Para haver equidade… Portagens no IC19

19/12/2011

Desde dia 8 Dezembro que estão em funcionamento portagens nas ex-SCUT A22 (Algarve), A23 (Beira Interior), A24 (Beira Alta e Trás-os-Montes) e A25 (Beira Litoral e Interior), que levantaram violentos protestos de (alguns) populares.

Sou por princípio apologista do princípio do utilizador-pagador. Aceito no entanto que haja excepções em certo tipo de situações. Como por exemplo em auto-estradas que servem zonas mais desertificadas do país (praticamente todo o interior).

Mas valores mais altos se levantam. Portugal está de tal forma endividado que não tem por onde fugir. A situação económica e financeira é de tal ordem que não se pode dar a luxos. E por mais que custe, há que taxar o que é supérfulo.

A correcção da asneira de PS/Guterres começou na zona mais afectada pela crise e pelo desemprego, o Norte do país. Portagens foram instituídas, e bem, na A4, A17, A28, A29, A41 e A42. Bufou-se, mas paga-se.

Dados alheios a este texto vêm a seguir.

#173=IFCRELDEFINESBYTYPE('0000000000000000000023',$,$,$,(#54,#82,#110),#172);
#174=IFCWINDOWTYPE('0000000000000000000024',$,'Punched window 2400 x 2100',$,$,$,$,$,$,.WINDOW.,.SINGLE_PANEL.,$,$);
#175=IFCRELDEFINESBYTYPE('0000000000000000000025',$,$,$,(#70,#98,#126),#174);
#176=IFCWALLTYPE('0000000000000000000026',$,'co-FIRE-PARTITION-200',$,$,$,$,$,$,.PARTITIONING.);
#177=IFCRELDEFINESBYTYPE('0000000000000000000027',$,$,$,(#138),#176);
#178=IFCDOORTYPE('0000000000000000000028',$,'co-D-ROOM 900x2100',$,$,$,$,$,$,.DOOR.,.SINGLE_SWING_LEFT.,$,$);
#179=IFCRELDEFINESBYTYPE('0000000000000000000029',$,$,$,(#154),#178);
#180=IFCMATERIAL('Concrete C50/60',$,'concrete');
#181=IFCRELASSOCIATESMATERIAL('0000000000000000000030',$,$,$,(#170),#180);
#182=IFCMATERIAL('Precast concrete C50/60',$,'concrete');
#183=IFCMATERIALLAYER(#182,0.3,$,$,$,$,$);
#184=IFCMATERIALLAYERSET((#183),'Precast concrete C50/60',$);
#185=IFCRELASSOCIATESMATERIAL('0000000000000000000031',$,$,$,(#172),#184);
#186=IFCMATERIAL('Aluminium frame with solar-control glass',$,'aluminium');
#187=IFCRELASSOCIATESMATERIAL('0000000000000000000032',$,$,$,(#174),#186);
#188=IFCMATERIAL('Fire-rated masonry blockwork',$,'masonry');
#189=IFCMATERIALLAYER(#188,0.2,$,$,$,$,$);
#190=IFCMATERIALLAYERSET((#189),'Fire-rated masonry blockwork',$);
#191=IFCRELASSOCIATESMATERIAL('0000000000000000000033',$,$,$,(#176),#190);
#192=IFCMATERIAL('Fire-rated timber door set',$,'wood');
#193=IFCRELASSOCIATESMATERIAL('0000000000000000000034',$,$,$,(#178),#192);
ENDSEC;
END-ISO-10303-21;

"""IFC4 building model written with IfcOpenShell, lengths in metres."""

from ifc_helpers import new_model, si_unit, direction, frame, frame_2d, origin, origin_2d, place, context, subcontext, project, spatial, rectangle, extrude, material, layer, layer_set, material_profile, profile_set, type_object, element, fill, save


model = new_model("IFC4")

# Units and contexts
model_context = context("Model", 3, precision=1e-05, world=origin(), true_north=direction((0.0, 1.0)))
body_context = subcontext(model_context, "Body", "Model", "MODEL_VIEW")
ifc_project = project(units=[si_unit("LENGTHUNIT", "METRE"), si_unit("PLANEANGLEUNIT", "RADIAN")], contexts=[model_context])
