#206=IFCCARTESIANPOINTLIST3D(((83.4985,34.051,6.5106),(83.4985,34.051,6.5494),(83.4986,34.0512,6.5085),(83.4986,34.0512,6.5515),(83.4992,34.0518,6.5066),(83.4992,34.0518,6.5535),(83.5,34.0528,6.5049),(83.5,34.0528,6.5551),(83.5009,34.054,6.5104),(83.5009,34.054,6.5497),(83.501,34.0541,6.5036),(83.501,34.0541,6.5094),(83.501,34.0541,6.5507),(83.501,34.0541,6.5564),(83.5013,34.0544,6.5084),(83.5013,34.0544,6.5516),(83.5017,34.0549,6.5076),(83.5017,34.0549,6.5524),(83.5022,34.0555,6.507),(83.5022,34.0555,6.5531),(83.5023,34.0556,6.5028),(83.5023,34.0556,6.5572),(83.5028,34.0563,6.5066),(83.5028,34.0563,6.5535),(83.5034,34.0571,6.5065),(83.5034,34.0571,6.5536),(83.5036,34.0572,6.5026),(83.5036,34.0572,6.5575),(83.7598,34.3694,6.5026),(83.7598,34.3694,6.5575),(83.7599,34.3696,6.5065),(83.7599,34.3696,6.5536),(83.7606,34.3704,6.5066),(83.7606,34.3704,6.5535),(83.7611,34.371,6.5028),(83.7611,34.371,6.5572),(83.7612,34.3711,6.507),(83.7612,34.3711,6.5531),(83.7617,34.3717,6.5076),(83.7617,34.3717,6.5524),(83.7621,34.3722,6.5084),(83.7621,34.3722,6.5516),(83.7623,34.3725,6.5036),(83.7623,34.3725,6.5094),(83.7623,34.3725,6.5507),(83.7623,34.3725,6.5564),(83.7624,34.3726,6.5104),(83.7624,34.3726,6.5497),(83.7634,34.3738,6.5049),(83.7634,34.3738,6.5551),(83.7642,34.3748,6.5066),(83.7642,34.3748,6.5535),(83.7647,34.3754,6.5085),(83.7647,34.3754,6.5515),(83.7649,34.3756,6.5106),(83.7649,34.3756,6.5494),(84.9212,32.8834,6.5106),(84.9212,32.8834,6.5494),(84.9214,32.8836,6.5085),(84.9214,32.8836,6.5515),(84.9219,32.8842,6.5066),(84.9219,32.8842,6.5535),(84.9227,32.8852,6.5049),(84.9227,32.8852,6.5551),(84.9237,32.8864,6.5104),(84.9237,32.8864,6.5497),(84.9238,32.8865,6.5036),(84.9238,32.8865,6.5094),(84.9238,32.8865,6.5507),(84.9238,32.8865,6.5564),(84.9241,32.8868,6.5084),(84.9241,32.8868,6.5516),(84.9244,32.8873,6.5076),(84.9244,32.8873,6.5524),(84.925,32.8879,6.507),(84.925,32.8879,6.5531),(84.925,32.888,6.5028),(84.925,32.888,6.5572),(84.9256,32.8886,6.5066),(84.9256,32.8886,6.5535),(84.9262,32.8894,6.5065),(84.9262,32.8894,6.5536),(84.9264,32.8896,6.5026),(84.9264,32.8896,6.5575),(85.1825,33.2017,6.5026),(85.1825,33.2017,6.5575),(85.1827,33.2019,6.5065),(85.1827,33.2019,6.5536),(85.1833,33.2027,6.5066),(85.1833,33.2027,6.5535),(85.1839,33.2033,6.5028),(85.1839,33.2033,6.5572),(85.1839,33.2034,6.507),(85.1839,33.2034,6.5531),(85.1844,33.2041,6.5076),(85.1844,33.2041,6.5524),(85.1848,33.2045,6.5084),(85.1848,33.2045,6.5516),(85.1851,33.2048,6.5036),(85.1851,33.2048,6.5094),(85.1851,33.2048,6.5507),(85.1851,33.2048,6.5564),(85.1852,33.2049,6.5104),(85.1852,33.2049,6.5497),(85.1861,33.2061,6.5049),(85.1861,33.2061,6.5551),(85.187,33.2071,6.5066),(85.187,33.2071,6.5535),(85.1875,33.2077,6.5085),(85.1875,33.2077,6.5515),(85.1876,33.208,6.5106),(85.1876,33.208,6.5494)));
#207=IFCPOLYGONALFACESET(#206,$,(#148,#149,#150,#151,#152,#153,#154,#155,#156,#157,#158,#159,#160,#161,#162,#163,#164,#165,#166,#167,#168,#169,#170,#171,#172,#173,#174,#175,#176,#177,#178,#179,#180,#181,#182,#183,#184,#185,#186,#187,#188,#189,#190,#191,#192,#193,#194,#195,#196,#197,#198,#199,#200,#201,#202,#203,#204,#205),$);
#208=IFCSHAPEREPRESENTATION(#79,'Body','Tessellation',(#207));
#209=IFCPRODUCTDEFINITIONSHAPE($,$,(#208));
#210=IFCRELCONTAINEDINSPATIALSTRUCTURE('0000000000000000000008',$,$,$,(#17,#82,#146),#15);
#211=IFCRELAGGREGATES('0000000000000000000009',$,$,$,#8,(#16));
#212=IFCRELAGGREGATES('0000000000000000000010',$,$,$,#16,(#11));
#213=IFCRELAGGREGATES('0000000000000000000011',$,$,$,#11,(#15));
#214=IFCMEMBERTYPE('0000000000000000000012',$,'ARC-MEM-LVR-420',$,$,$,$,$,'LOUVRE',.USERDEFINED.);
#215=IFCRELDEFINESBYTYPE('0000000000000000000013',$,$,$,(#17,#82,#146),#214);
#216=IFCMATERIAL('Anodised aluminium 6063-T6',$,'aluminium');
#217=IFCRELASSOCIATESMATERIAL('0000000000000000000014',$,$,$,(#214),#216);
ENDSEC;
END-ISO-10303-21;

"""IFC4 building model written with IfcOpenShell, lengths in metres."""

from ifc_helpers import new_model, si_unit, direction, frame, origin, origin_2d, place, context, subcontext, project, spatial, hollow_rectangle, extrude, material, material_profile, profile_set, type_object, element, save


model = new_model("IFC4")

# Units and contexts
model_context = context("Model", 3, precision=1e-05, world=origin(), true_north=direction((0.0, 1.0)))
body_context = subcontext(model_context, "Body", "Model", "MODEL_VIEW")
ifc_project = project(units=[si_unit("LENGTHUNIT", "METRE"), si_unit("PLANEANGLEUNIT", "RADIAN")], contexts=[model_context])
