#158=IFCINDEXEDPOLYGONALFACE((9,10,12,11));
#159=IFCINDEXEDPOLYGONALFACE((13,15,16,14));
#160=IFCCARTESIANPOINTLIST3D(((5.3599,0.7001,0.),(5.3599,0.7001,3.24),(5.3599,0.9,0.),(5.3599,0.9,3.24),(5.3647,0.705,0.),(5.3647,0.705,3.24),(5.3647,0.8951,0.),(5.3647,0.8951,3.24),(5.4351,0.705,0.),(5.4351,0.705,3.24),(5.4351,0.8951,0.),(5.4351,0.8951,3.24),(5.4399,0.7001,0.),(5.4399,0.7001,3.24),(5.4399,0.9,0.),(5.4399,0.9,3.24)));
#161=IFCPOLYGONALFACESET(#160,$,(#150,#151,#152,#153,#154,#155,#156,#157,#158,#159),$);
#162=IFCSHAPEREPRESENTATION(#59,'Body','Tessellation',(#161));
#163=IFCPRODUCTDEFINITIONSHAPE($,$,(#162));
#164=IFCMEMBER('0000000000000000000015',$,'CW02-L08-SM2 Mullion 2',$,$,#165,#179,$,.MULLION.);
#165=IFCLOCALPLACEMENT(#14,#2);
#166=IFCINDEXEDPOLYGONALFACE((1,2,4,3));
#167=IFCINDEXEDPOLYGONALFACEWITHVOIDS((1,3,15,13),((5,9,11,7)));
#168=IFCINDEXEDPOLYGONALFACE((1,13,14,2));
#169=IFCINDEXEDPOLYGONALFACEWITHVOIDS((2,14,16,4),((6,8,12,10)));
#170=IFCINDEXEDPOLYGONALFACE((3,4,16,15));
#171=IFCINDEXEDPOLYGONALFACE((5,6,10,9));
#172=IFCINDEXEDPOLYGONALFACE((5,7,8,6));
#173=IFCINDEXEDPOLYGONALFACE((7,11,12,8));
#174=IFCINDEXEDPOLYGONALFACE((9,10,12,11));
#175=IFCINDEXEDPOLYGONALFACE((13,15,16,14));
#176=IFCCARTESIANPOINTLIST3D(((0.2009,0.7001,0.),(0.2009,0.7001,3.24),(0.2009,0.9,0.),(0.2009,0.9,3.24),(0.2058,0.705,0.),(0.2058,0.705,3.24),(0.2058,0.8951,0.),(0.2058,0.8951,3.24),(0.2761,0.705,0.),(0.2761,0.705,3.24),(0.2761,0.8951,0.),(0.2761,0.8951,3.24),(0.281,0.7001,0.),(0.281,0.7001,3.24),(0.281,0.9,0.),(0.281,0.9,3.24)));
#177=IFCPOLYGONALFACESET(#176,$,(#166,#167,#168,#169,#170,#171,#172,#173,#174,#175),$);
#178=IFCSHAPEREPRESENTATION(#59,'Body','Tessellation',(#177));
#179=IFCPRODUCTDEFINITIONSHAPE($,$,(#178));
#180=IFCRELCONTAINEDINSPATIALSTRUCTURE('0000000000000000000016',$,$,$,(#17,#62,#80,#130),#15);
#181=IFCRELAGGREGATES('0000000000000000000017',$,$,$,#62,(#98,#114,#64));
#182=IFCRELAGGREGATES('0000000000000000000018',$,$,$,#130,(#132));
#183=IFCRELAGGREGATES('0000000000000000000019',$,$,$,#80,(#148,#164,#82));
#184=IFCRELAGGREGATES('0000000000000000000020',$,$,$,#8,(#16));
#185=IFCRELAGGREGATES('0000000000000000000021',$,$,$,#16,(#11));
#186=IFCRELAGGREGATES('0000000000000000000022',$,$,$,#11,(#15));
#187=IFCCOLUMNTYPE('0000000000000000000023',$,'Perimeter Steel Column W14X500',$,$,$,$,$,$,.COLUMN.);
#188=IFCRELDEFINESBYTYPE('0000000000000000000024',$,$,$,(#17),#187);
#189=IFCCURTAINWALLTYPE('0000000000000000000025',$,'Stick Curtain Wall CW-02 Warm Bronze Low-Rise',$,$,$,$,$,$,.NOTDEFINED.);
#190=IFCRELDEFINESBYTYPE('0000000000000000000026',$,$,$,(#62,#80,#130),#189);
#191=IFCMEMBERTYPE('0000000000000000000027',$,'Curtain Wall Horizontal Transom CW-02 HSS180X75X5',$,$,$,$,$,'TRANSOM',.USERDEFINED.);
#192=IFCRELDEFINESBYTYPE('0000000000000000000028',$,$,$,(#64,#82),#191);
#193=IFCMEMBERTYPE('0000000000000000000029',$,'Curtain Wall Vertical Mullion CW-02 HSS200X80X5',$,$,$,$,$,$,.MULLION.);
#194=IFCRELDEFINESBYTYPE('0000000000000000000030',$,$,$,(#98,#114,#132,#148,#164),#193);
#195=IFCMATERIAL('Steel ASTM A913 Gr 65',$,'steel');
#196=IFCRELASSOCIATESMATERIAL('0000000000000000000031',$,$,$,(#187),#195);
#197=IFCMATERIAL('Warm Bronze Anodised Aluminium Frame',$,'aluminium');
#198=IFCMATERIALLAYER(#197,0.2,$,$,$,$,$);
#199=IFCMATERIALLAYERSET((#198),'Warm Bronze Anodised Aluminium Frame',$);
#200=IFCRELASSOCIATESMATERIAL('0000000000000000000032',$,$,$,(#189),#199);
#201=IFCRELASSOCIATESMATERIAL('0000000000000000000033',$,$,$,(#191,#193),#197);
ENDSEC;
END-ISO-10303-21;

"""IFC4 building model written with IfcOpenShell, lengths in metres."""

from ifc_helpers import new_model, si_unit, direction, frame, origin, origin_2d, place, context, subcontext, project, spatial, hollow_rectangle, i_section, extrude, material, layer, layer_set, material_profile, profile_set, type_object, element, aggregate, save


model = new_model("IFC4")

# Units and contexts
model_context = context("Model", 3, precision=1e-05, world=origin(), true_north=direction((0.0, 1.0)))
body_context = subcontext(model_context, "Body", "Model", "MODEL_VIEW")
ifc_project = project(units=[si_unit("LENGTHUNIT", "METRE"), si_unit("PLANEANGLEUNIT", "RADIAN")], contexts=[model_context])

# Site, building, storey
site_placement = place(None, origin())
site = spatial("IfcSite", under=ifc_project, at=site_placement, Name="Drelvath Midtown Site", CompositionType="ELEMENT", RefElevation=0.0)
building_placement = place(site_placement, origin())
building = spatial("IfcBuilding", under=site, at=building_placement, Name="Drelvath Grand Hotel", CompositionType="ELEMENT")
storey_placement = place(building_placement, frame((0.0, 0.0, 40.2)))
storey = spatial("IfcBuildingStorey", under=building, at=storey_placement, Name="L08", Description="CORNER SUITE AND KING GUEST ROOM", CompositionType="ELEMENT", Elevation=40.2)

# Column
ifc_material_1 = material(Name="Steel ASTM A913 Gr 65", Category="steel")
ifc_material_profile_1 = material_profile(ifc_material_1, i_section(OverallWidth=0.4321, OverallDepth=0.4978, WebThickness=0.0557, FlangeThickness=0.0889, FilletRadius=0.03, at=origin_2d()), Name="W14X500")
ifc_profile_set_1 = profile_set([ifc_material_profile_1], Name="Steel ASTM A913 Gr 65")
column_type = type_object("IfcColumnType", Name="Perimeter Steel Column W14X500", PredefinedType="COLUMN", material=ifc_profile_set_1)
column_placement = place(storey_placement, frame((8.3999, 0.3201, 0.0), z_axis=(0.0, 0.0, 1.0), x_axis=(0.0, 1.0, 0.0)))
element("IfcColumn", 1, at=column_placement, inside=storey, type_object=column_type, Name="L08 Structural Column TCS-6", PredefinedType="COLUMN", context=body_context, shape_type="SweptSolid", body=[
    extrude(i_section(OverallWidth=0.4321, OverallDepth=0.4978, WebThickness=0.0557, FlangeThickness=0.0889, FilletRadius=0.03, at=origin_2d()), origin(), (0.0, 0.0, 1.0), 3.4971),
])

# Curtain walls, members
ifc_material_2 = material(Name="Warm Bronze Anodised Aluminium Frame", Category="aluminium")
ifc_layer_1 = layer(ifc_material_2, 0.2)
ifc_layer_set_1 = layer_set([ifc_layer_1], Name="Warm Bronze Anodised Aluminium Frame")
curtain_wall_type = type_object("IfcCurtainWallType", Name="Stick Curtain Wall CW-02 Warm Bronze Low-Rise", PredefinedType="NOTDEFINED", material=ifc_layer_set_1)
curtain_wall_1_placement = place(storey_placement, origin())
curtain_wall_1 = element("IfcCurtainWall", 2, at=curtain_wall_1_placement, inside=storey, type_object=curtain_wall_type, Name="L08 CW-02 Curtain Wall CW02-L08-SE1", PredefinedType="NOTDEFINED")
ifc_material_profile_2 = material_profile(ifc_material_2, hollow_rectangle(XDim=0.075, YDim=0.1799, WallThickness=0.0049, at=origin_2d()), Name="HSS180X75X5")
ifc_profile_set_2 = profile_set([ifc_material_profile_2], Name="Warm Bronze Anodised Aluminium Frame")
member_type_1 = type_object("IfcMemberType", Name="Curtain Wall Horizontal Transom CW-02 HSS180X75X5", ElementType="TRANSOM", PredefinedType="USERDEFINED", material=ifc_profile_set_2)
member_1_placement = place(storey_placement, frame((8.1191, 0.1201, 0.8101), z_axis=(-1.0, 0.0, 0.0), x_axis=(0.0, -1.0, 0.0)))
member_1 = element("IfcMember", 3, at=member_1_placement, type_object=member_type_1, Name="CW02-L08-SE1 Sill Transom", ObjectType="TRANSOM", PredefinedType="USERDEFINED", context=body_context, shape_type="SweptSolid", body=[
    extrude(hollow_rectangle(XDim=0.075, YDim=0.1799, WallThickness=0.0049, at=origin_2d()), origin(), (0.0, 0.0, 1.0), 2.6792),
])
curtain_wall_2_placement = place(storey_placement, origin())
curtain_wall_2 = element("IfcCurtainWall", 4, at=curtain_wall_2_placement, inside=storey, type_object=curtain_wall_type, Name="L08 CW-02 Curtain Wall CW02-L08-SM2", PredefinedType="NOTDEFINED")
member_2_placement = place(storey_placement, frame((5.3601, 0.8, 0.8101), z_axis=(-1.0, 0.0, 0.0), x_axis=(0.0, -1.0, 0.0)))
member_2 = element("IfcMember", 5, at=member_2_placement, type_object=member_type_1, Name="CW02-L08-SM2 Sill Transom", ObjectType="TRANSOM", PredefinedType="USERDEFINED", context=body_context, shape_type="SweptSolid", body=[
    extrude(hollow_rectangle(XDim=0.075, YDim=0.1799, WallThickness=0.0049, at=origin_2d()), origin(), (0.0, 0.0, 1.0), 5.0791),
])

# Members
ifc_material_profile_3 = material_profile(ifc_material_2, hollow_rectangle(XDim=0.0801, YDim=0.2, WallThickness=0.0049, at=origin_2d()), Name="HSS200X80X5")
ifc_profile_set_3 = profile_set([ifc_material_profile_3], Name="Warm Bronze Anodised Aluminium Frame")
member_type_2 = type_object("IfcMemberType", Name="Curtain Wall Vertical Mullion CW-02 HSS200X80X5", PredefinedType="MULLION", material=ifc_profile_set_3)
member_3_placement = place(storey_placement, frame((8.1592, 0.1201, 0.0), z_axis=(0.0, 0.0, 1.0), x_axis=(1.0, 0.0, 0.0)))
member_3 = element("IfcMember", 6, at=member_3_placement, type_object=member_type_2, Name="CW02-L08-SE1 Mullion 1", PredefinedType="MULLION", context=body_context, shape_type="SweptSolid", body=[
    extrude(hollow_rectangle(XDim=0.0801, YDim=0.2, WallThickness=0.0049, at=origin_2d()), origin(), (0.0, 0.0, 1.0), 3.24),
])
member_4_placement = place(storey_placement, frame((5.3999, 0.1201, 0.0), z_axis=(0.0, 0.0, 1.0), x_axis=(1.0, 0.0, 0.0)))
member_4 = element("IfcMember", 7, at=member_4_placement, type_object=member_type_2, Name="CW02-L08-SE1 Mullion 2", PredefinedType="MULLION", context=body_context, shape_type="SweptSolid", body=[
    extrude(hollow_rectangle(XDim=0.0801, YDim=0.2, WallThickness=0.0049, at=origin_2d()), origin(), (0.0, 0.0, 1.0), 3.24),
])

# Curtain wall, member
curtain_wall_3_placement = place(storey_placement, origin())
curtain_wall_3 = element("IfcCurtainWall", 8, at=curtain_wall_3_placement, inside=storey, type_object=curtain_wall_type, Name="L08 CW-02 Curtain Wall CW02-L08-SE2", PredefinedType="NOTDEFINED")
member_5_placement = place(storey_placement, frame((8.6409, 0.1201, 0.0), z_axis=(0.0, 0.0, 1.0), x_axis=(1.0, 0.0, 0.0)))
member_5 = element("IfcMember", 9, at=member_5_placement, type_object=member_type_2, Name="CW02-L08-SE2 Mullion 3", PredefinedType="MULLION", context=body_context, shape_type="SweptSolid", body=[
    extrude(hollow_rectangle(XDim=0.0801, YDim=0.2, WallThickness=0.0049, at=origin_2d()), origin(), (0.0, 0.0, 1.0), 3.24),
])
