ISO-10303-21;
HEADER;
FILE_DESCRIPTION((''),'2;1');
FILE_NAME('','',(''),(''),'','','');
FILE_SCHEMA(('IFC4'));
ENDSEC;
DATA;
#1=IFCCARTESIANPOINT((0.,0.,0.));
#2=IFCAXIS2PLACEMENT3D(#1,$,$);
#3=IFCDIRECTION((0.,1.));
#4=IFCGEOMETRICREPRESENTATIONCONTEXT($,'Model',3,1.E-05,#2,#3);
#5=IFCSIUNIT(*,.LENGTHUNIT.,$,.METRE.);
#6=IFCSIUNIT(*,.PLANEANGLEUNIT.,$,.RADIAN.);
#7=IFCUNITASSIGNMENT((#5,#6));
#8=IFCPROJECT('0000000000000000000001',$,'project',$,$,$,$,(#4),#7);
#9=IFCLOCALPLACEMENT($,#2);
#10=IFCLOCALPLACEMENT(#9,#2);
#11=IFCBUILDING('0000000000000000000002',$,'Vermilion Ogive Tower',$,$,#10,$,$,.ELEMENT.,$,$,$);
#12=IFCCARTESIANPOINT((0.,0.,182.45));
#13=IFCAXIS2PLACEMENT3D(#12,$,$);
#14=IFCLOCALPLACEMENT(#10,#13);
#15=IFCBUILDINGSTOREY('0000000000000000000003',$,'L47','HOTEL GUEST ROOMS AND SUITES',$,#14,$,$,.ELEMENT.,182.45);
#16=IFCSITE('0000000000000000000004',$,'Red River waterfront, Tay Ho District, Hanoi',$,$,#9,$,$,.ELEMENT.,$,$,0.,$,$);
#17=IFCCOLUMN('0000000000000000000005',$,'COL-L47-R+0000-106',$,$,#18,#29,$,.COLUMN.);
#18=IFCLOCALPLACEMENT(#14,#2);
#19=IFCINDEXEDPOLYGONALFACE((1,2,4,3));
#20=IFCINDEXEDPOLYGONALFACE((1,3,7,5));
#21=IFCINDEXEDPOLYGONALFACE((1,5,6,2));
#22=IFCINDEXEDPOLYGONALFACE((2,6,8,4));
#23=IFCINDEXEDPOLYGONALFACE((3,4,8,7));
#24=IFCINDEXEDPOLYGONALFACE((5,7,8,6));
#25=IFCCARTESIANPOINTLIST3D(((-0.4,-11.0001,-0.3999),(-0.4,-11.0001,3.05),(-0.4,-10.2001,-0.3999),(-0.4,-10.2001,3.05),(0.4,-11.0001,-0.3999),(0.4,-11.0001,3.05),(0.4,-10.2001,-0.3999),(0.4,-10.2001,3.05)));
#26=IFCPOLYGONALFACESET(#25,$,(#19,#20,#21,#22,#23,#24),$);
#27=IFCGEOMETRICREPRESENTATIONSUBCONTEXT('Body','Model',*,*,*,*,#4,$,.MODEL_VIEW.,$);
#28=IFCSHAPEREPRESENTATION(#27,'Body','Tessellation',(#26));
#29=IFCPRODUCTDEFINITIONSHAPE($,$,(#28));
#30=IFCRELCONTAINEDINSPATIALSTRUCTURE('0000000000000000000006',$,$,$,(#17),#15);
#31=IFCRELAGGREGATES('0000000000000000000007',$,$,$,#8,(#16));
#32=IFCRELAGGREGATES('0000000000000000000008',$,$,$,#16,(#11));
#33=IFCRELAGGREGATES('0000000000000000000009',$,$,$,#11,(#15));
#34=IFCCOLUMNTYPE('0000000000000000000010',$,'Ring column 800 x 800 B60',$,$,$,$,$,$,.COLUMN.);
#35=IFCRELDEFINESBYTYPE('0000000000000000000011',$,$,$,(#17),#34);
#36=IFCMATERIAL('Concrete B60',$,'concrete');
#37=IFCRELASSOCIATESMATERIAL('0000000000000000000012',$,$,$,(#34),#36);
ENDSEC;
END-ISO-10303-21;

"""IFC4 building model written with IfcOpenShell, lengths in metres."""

from ifc_helpers import new_model, si_unit, direction, frame, origin, origin_2d, place, context, subcontext, project, spatial, rectangle, extrude, material, material_profile, profile_set, type_object, element, save


model = new_model("IFC4")

# Units and contexts
model_context = context("Model", 3, precision=1e-05, world=origin(), true_north=direction((0.0, 1.0)))
body_context = subcontext(model_context, "Body", "Model", "MODEL_VIEW")
ifc_project = project(units=[si_unit("LENGTHUNIT", "METRE"), si_unit("PLANEANGLEUNIT", "RADIAN")], contexts=[model_context])

# Site, building, storey
site_placement = place(None, origin())
site = spatial("IfcSite", under=ifc_project, at=site_placement, Name="Red River waterfront, Tay Ho District, Hanoi", CompositionType="ELEMENT", RefElevation=0.0)
building_placement = place(site_placement, origin())
building = spatial("IfcBuilding", under=site, at=building_placement, Name="Vermilion Ogive Tower", CompositionType="ELEMENT")
storey_placement = place(building_placement, frame((0.0, 0.0, 182.45)))
storey = spatial("IfcBuildingStorey", under=building, at=storey_placement, Name="L47", Description="HOTEL GUEST ROOMS AND SUITES", CompositionType="ELEMENT", Elevation=182.45)

# Column
ifc_material_1 = material(Name="Concrete B60", Category="concrete")
ifc_material_profile = material_profile(ifc_material_1, rectangle(XDim=0.8, YDim=0.8, at=origin_2d()), Name="800 x 800")
ifc_profile_set = profile_set([ifc_material_profile], Name="Concrete B60")
column_type = type_object("IfcColumnType", Name="Ring column 800 x 800 B60", PredefinedType="COLUMN", material=ifc_profile_set)
column_placement = place(storey_placement, frame((0.0, -10.6001, -0.3999), z_axis=(0.0, 0.0, 1.0), x_axis=(1.0, 0.0, 0.0)))
element("IfcColumn", 1, at=column_placement, inside=storey, type_object=column_type, Name="COL-L47-R+0000-106", PredefinedType="COLUMN", context=body_context, shape_type="SweptSolid", body=[
    extrude(rectangle(XDim=0.8, YDim=0.8, at=origin_2d()), origin(), (0.0, 0.0, 1.0), 3.45),
])

save(model, "model.ifc")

Muito se fala em equidade, de Norte a Sul e Ilhas, da Esquerda à Direita, de sector em sector. E por isso é com justiça que se vêem chegar as portagens às restantes SCUT. Mas não chega. Ainda há mais para taxar.

O IC19 vai de Sintra a Lisboa, e todos os dias suporta cerca de 100.000 automóveis. É provavelmente a estrada mais congestionada do país, com mais acidentes e trânsito mais intenso. Porque não taxar este percurso?

Dirão que não é uma auto-estrada e não pode ser taxada. Eu respondo que tem 3 faixas em permanência e 4 faixas em alguns troços. Dirão que milhares o utilizam para ir trabalhar. Eu sugiro que usem transportes públicos.

Ao taxar o IC19 com portagens gerava-se receita para os cofres do Estado. Também para isso contribuia o aumento da utilização de transportes públicos. Diminuia-se a poluição (dos gases de escape) e também a dependência do petróleo.